The Third Man is one of these phenomena. It is something that happens when people are placed in difficult circumstances, often when their very survival is at stake. Amazingly, despite the harrowing situations in which it often arises, most judge the experience to be valuable and positive for many, a life-affirming force. The Third Man Factor is an account both of physically amazing voyages and personal discovery at the extremes of human experience. The Third Man speaks to both the ways in which we are fundamentally alone, and to the ways that as humans we always contain the possibility of relationship with others. It reassures us that even in the worst of times, help may come.


CHAPTER ONE
The Third Man
R ON D I F RANCESCO WAS AT HIS DESK at Euro Brokers, a financial trading firm, on the eighty-fourth floor of the south tower of the World Trade Center in New York when the plane struck the north tower opposite him. It was 8:46 A.M. on September 11, 2001. There was a loud boom, and the lights in the south tower flickered. Grey smoke poured from the north tower. At impact, all the stairwells in the north tower became impassable from the ninety-second floor up, trapping 1,356 people. Some waved desperately for help. Most of those who worked at Euro Brokers started to evacuate the building, but DiFrancesco stayed. A few minutes later, a terse announcement was broadcast over the building’s public-address system. An incident had occurred in the other building, but, "Building Two is secure. There is no need to evacuate Building Two. If you are in the midst of evacuation, you may return to your office by using the re-entry doors on the re-entry floors and the elevators to return to your office. Repeat, Building Two is secure …" 1 DiFrancesco, a money-market broker originally from Hamilton, Ontario, telephoned his wife, Mary, to tell her that an airplane had hit the other tower, but that he was fine and intended to stay at work. "It was tower one that was hit, I’m in tower two," he told her. 2 He tried to focus his attention on the screens of financial data on his desk. Then a friend from Toronto called. "Get the hell out," he said. 3 They spoke briefly, then DiFrancesco agreed. He called a few major clients and his wife, Mary, again, to tell them of his change of plans. Then he began walking towards a bank of elevators.

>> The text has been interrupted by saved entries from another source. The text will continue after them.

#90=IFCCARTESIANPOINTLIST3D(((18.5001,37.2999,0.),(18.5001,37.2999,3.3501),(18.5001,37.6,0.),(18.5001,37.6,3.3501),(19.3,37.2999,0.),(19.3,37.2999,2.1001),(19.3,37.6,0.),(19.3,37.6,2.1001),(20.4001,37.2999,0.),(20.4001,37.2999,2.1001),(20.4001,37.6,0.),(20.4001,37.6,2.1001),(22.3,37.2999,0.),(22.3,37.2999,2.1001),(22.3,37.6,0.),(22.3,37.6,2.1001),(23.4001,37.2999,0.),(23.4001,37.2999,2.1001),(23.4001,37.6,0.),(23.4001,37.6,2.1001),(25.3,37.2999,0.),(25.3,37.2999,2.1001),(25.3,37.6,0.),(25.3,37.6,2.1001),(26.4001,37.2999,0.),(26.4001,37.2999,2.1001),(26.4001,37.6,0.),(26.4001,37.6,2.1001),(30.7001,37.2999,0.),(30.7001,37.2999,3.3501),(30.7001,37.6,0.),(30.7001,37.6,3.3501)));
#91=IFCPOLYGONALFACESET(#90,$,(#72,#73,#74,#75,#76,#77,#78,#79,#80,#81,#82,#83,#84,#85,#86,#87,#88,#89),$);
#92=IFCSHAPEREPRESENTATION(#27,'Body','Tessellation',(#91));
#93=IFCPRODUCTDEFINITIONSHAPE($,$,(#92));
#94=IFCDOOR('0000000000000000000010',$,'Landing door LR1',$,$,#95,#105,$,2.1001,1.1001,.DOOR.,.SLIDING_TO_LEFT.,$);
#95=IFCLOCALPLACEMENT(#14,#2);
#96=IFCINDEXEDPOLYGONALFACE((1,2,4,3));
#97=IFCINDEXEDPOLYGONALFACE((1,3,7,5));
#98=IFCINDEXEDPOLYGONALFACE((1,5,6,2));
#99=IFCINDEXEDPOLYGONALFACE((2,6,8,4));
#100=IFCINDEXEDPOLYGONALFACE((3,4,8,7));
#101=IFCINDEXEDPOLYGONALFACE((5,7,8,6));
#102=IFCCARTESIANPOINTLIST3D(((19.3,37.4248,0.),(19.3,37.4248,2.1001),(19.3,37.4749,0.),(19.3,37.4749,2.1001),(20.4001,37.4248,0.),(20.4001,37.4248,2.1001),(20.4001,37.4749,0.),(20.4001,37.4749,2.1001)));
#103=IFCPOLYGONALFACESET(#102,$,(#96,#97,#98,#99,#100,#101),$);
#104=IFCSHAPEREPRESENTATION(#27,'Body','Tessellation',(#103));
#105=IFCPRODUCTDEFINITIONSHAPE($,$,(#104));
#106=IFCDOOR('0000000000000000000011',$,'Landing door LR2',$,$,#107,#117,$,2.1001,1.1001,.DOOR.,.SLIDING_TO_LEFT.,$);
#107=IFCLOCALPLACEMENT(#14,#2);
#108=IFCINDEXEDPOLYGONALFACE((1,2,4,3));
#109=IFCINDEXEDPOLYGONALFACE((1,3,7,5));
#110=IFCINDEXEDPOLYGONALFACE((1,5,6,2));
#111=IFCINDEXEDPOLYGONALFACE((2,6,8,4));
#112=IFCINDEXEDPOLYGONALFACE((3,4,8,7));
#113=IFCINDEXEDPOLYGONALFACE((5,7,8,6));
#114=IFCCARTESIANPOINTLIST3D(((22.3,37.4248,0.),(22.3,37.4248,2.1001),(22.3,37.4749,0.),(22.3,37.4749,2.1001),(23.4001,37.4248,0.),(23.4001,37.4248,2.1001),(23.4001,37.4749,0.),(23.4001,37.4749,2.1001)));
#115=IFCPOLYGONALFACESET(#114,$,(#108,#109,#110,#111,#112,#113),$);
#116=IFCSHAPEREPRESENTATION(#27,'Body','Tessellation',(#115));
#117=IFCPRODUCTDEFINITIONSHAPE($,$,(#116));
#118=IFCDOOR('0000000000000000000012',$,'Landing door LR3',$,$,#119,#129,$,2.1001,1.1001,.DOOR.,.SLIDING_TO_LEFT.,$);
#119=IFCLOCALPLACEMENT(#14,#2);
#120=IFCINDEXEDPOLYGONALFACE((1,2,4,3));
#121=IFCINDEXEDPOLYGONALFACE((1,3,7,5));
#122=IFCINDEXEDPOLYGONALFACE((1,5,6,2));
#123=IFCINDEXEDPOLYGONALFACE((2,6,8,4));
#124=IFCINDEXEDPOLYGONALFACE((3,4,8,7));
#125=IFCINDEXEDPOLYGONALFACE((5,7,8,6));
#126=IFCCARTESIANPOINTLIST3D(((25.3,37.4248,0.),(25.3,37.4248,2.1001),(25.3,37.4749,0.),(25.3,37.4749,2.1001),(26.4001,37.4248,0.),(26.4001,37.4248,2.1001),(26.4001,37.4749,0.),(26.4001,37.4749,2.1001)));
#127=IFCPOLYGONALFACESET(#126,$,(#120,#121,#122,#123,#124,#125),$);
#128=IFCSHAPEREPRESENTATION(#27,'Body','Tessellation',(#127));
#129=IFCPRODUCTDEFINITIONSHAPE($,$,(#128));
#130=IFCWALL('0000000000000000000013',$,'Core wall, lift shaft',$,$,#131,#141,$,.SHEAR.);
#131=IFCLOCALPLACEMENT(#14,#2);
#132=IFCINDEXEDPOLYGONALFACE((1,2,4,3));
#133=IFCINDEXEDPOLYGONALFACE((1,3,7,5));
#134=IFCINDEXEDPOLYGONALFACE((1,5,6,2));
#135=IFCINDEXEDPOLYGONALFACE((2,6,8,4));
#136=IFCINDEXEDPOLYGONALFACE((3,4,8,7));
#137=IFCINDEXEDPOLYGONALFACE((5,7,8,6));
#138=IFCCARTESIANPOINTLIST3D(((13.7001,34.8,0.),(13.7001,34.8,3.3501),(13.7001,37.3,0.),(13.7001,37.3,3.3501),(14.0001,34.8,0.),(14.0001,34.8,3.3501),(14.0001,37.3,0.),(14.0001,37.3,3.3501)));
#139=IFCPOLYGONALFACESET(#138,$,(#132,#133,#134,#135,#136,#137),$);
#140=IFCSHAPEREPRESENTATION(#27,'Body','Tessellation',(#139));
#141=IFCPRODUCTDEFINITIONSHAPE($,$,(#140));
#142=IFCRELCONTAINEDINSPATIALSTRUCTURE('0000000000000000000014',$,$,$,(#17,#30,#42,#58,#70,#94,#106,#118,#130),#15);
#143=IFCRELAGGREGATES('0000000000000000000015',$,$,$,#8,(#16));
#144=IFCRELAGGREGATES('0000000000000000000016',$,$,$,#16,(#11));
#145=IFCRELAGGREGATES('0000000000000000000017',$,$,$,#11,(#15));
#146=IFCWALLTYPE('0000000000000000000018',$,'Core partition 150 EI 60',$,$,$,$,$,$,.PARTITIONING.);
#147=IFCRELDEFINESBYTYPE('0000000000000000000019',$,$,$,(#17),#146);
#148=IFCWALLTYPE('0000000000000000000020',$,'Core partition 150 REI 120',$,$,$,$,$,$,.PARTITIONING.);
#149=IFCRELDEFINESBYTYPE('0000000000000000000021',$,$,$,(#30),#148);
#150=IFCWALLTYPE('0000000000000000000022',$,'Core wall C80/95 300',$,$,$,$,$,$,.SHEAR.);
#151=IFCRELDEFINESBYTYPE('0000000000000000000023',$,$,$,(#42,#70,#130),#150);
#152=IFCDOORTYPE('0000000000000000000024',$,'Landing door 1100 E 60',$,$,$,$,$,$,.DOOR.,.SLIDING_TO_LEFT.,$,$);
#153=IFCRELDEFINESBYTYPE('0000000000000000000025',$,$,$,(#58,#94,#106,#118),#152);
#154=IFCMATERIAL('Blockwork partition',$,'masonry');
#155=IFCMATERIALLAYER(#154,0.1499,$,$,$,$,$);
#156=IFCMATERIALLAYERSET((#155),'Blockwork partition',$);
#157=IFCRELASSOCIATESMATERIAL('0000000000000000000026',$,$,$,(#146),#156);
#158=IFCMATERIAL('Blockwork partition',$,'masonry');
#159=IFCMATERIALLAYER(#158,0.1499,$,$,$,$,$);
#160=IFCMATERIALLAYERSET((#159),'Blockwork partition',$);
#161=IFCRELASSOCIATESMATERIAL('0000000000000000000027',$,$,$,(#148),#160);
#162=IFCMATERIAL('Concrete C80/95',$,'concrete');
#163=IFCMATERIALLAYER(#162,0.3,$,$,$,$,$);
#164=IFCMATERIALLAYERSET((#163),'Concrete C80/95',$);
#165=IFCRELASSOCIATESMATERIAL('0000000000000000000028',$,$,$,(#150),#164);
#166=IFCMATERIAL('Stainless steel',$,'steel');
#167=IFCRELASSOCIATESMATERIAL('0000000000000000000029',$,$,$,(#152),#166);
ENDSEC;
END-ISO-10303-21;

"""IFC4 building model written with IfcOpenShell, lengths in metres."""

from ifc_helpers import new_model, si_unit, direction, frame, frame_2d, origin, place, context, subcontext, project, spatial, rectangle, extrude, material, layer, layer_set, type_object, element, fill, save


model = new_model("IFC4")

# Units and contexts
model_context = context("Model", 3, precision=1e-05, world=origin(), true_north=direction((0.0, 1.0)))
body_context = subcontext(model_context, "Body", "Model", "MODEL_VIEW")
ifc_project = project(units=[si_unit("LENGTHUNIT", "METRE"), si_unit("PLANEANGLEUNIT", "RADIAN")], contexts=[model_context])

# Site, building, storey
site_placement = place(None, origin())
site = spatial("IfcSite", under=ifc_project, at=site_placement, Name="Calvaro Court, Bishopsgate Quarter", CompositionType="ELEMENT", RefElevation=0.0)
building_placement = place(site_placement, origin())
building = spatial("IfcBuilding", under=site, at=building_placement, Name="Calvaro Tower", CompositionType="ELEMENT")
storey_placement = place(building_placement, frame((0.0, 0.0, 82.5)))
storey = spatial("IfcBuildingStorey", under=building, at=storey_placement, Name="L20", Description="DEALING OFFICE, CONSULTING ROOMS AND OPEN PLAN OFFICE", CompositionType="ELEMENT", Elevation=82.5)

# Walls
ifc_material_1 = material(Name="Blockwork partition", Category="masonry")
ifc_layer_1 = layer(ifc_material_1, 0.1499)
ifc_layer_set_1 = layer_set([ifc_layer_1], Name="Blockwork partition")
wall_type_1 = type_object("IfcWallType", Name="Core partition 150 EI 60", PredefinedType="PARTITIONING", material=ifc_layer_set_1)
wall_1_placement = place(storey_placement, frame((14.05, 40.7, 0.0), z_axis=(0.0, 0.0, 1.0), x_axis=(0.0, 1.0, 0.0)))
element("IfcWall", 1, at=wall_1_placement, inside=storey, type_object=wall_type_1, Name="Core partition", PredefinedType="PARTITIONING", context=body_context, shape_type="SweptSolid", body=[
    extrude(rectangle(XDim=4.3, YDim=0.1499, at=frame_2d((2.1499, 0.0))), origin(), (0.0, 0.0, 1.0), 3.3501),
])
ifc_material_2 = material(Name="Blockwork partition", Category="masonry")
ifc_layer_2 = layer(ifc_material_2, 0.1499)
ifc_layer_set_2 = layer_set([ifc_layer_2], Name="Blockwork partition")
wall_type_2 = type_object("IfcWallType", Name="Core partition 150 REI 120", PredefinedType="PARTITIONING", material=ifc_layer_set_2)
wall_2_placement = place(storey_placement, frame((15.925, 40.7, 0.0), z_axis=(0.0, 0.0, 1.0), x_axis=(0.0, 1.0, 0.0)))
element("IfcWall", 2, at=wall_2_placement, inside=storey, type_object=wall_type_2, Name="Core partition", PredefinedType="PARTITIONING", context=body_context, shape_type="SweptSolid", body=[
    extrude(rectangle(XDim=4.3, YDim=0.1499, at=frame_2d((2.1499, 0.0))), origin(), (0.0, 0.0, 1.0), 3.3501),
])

At 9:03 A . M ., seventeen minutes after the first impact, the second plane hit. United Airlines Flight 175, travelling at 950 kilo-metres an hour, sliced into the south tower, igniting an intense fire fed by 90,000 litres of jet fuel. The Boeing 767, carrying fifty-six passengers, two pilots, and seven flight attendants, had been commandeered by al Qaeda terrorists after taking off from Boston’s Logan International Airport en route to Los Angeles. It struck the building’s south face between floors seventy-seven and eighty-five. The plane banked just before it slammed into the building. The higher wing cut into the Euro Brokers offices, while the fuselage hit the Fuji Bank offices on the seventy-ninth through eighty-second floors.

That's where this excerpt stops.